RALEIGH – Health experts worldwide are warning that breathing polluted air can worsen and even cause high blood pressure, diabetes and respiratory diseases – and early evidence suggests these conditions put people at higher risk for severe COVID-19 illness.

In a recent study, Chinese researchers found higher air pollution levels were linked to larger numbers of people hospitalized with pneumonia.

In addition to ozone pollution, which is odorless and invisible, atmospheric scientist Brian Magi, an associate professor in the Department of Geography and Earth Sciences at UNC Charlotte, said cities produce massive amounts of fine particulate matter.

“There’s a lot of work being done to try to understand the very diverse set of pollutants within an urban space,” he said, “almost to the point that there's divergence in the field of air-quality science, to begin to kind of think about the urban space as a unique piece of chemistry in our world.”

Magi said tiny pollutants become lodged in the lungs, increasing the risk of respiratory tract infections from viruses. One 2003 study found that people with SARS were 84% more likely to succumb to that virus if they lived in regions with moderate air-pollution levels.

With the near shutdown of the global economy and sharp reduction in air travel, satellite imagery is showing air pollution has dipped.
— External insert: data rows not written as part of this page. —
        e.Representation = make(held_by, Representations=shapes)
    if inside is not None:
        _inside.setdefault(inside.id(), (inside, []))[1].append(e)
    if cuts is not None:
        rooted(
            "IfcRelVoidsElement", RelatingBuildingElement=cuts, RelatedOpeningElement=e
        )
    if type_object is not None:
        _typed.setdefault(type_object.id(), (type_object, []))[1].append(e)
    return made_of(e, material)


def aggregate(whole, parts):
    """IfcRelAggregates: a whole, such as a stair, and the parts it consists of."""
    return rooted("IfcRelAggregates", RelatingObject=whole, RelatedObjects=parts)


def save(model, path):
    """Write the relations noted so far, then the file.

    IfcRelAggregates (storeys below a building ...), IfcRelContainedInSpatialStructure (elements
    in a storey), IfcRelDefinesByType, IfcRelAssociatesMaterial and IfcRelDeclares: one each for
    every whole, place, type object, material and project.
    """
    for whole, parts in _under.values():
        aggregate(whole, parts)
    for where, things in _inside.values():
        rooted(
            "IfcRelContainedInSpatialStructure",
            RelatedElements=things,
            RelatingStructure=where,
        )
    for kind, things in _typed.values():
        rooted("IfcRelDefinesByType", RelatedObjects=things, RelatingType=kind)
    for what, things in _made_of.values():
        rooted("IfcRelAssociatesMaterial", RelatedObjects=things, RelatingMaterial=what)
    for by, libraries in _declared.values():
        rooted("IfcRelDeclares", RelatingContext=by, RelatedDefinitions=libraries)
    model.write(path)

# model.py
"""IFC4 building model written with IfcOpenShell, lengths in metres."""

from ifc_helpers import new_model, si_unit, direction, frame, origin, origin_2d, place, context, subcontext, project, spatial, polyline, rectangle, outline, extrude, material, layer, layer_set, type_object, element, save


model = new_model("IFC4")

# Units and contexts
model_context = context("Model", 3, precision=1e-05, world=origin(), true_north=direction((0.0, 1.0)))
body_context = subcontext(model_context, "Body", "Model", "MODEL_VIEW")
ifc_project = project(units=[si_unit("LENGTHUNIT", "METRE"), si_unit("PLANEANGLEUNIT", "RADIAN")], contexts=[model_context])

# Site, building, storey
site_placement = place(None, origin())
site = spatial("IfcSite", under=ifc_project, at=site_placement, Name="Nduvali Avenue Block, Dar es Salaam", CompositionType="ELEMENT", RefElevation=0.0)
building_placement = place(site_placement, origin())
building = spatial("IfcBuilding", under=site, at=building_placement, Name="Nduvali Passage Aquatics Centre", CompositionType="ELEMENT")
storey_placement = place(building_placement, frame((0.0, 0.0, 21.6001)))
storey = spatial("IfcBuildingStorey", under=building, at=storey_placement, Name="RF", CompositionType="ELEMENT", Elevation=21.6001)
When the pandemic eventually ends, Magi said, taking steps to keep the air clean will pay off in the long run.

“Every little bit of air pollution that we keep out of the air and out of our human bodies will generate a public health impact that is measurable down the line,” Magi said.

According to the World Health Organization, breathing polluted air prematurely kills more than 4 million people across the globe each year.

A European Public Health Alliance statement is online at epha.org, the 2019 China study is at plos.org, the 2003 SARS study is at ehjournal.biomedcentral.com, and the satellite imagery is at theguardian.com.